Startled, she turned to witness her needless champion storming toward her. 

“What are you doing here?”

“Keeping you from doing something stupid,” she admonished as she stood between her charge and her lover.

“Move aside, Ser Knight, you are only prolonging the inevitable,” she grated out both angrily and sarcastically.

“We must leave The Keep at once, we haven’t much time,” she insisted, just as she heard her name murmured through a bloody gurgle.

“Brienne.”

Stunned silent, she turned to see his penetrating blue gaze holding fast to her own.

“Please, help us.”

As if jolted by a bolt from the New Gods, she quickly knelt at his side.  Assessing the wound at his neck and the other in his chest, she carefully lifted him to where his sister now lay slumped against the far wall.

“You’d come here to save him, when he’s come here to save her,” her charge spat vehemently.
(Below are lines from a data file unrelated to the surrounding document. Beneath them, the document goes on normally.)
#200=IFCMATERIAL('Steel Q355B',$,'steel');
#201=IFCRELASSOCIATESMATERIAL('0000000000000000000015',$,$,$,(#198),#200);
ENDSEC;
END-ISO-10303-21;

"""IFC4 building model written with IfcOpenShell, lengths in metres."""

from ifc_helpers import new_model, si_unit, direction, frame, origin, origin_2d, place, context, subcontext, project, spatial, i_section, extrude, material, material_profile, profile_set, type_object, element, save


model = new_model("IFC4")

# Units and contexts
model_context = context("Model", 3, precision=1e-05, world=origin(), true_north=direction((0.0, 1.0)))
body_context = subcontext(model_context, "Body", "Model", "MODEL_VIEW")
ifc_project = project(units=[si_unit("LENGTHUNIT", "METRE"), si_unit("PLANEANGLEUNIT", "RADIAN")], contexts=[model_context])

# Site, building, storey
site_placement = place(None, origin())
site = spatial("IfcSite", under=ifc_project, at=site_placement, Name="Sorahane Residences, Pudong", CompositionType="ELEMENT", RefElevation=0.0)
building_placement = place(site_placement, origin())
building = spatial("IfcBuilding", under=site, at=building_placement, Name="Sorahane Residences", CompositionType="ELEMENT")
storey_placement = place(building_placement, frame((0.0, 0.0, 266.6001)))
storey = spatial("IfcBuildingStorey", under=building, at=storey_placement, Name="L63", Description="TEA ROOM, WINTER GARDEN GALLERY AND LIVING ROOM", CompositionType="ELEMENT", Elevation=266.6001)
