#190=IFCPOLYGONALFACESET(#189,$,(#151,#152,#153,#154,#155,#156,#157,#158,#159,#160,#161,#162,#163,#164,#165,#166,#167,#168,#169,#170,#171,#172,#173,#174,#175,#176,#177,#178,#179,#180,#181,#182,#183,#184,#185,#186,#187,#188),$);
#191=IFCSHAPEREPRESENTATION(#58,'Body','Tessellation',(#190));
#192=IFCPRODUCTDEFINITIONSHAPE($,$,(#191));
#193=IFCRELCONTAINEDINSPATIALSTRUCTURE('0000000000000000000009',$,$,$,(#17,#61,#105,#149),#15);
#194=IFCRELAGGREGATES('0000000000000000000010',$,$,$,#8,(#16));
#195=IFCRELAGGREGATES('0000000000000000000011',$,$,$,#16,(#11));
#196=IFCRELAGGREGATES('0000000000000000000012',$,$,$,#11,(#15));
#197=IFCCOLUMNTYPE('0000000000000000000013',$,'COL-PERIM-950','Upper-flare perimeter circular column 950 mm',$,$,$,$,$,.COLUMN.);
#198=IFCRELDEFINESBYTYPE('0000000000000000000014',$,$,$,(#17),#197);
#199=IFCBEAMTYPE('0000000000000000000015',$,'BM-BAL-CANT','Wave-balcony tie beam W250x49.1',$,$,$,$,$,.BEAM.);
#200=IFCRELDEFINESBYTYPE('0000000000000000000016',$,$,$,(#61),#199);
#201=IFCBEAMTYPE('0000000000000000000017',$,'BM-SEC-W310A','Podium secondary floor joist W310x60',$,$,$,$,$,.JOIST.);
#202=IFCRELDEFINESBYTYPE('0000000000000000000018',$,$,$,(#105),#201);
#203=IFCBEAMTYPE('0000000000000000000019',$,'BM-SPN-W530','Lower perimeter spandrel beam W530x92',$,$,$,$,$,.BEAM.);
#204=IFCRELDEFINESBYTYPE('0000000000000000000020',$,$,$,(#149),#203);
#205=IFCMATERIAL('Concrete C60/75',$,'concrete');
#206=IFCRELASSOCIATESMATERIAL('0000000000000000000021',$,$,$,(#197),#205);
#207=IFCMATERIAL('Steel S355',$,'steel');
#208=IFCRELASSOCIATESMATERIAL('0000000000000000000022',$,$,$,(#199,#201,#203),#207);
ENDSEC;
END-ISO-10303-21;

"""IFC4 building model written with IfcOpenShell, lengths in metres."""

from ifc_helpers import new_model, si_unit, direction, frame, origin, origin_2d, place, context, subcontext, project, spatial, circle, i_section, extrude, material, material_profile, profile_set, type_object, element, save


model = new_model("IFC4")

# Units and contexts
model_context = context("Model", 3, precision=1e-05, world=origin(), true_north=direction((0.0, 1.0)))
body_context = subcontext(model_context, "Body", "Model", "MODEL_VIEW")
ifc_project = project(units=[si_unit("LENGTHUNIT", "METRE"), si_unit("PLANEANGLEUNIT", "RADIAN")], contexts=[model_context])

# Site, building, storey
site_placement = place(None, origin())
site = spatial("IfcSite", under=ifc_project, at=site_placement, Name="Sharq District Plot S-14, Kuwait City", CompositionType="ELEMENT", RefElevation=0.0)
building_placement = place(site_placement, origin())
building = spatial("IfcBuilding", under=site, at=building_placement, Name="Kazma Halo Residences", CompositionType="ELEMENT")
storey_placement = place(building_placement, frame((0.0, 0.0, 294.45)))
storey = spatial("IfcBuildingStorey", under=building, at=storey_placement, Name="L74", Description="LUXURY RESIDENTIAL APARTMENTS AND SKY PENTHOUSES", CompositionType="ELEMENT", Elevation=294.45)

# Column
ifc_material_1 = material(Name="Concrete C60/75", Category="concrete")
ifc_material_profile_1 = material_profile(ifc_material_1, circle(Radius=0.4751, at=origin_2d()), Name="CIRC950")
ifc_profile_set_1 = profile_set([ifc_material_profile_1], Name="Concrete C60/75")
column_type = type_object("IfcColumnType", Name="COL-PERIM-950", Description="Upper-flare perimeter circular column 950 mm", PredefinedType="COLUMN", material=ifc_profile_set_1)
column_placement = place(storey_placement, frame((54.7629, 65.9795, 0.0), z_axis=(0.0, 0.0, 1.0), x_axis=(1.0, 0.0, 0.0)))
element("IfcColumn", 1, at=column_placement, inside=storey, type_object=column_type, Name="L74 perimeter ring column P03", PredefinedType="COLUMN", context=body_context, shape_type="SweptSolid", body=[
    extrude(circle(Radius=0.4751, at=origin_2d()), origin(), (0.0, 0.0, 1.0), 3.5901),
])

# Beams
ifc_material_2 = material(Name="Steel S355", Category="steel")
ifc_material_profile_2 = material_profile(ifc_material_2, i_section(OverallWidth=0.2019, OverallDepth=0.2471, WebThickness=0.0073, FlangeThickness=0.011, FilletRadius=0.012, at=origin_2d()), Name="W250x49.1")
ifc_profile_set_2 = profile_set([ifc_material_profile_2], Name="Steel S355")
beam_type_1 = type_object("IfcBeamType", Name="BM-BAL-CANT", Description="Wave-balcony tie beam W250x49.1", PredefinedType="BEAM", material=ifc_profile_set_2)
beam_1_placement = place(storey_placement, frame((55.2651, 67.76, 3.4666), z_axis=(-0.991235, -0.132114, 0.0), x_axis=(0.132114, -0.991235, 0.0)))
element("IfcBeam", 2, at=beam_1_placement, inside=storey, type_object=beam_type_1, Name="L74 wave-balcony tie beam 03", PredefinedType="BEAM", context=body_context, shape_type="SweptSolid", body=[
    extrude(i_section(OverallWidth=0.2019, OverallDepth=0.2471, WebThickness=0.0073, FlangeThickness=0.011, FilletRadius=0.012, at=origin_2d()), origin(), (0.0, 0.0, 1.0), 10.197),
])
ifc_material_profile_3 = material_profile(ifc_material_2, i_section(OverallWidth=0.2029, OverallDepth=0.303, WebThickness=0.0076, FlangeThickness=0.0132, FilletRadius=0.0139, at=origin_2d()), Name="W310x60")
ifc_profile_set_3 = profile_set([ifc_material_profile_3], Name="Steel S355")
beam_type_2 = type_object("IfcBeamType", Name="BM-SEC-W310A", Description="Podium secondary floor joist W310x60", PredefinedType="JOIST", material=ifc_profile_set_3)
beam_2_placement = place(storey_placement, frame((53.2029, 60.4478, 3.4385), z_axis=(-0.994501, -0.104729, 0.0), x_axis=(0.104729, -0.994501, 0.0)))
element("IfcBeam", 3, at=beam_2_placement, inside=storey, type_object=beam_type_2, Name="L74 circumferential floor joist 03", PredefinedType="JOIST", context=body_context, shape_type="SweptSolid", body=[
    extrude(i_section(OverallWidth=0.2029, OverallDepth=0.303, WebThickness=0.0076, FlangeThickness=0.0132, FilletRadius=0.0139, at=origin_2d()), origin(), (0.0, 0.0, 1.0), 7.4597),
Ignoring the tantrum, she set the pair alongside one another before unstrapping her scabbard and laying it at his feet.

“You must wake,” she said calmly as she knelt again in front of the blond and bloodied twosome.

As eyes identical to her beloved’s opened, she began speaking in a deceptively comforting tone.

“She is hateful.  She is tyrannical.  She is unlovable, and yet you still love her.  You’ve cast away so much for that love and it has cost you.  She will die here this day, and so will her child.  As a father, you will never get the chance to know her child and you…you will also never know mine.”

Eyes the size of saucers took in Brienne as she stood again to her full height.  Though words were now a commodity that he could no longer afford, he exuded his last vestiges of energy to grasp her hand tightly.  Tears pooled in his eyes as he battled with the regret and resignation at the fate he’d sealed for them both.

“Nothing else matters, only us,” she said as she cut her eyes from him and briefly cradled her still flat stomach.

Turning on her heel, she immediately met the inquisitive eyes of her leery charge.

“What did you just whisper to them?” she asked suspiciously.

“Only that they deserved each other,” she said as she gripped the smaller woman’s arm and rushed them from the swaying and trembling structure.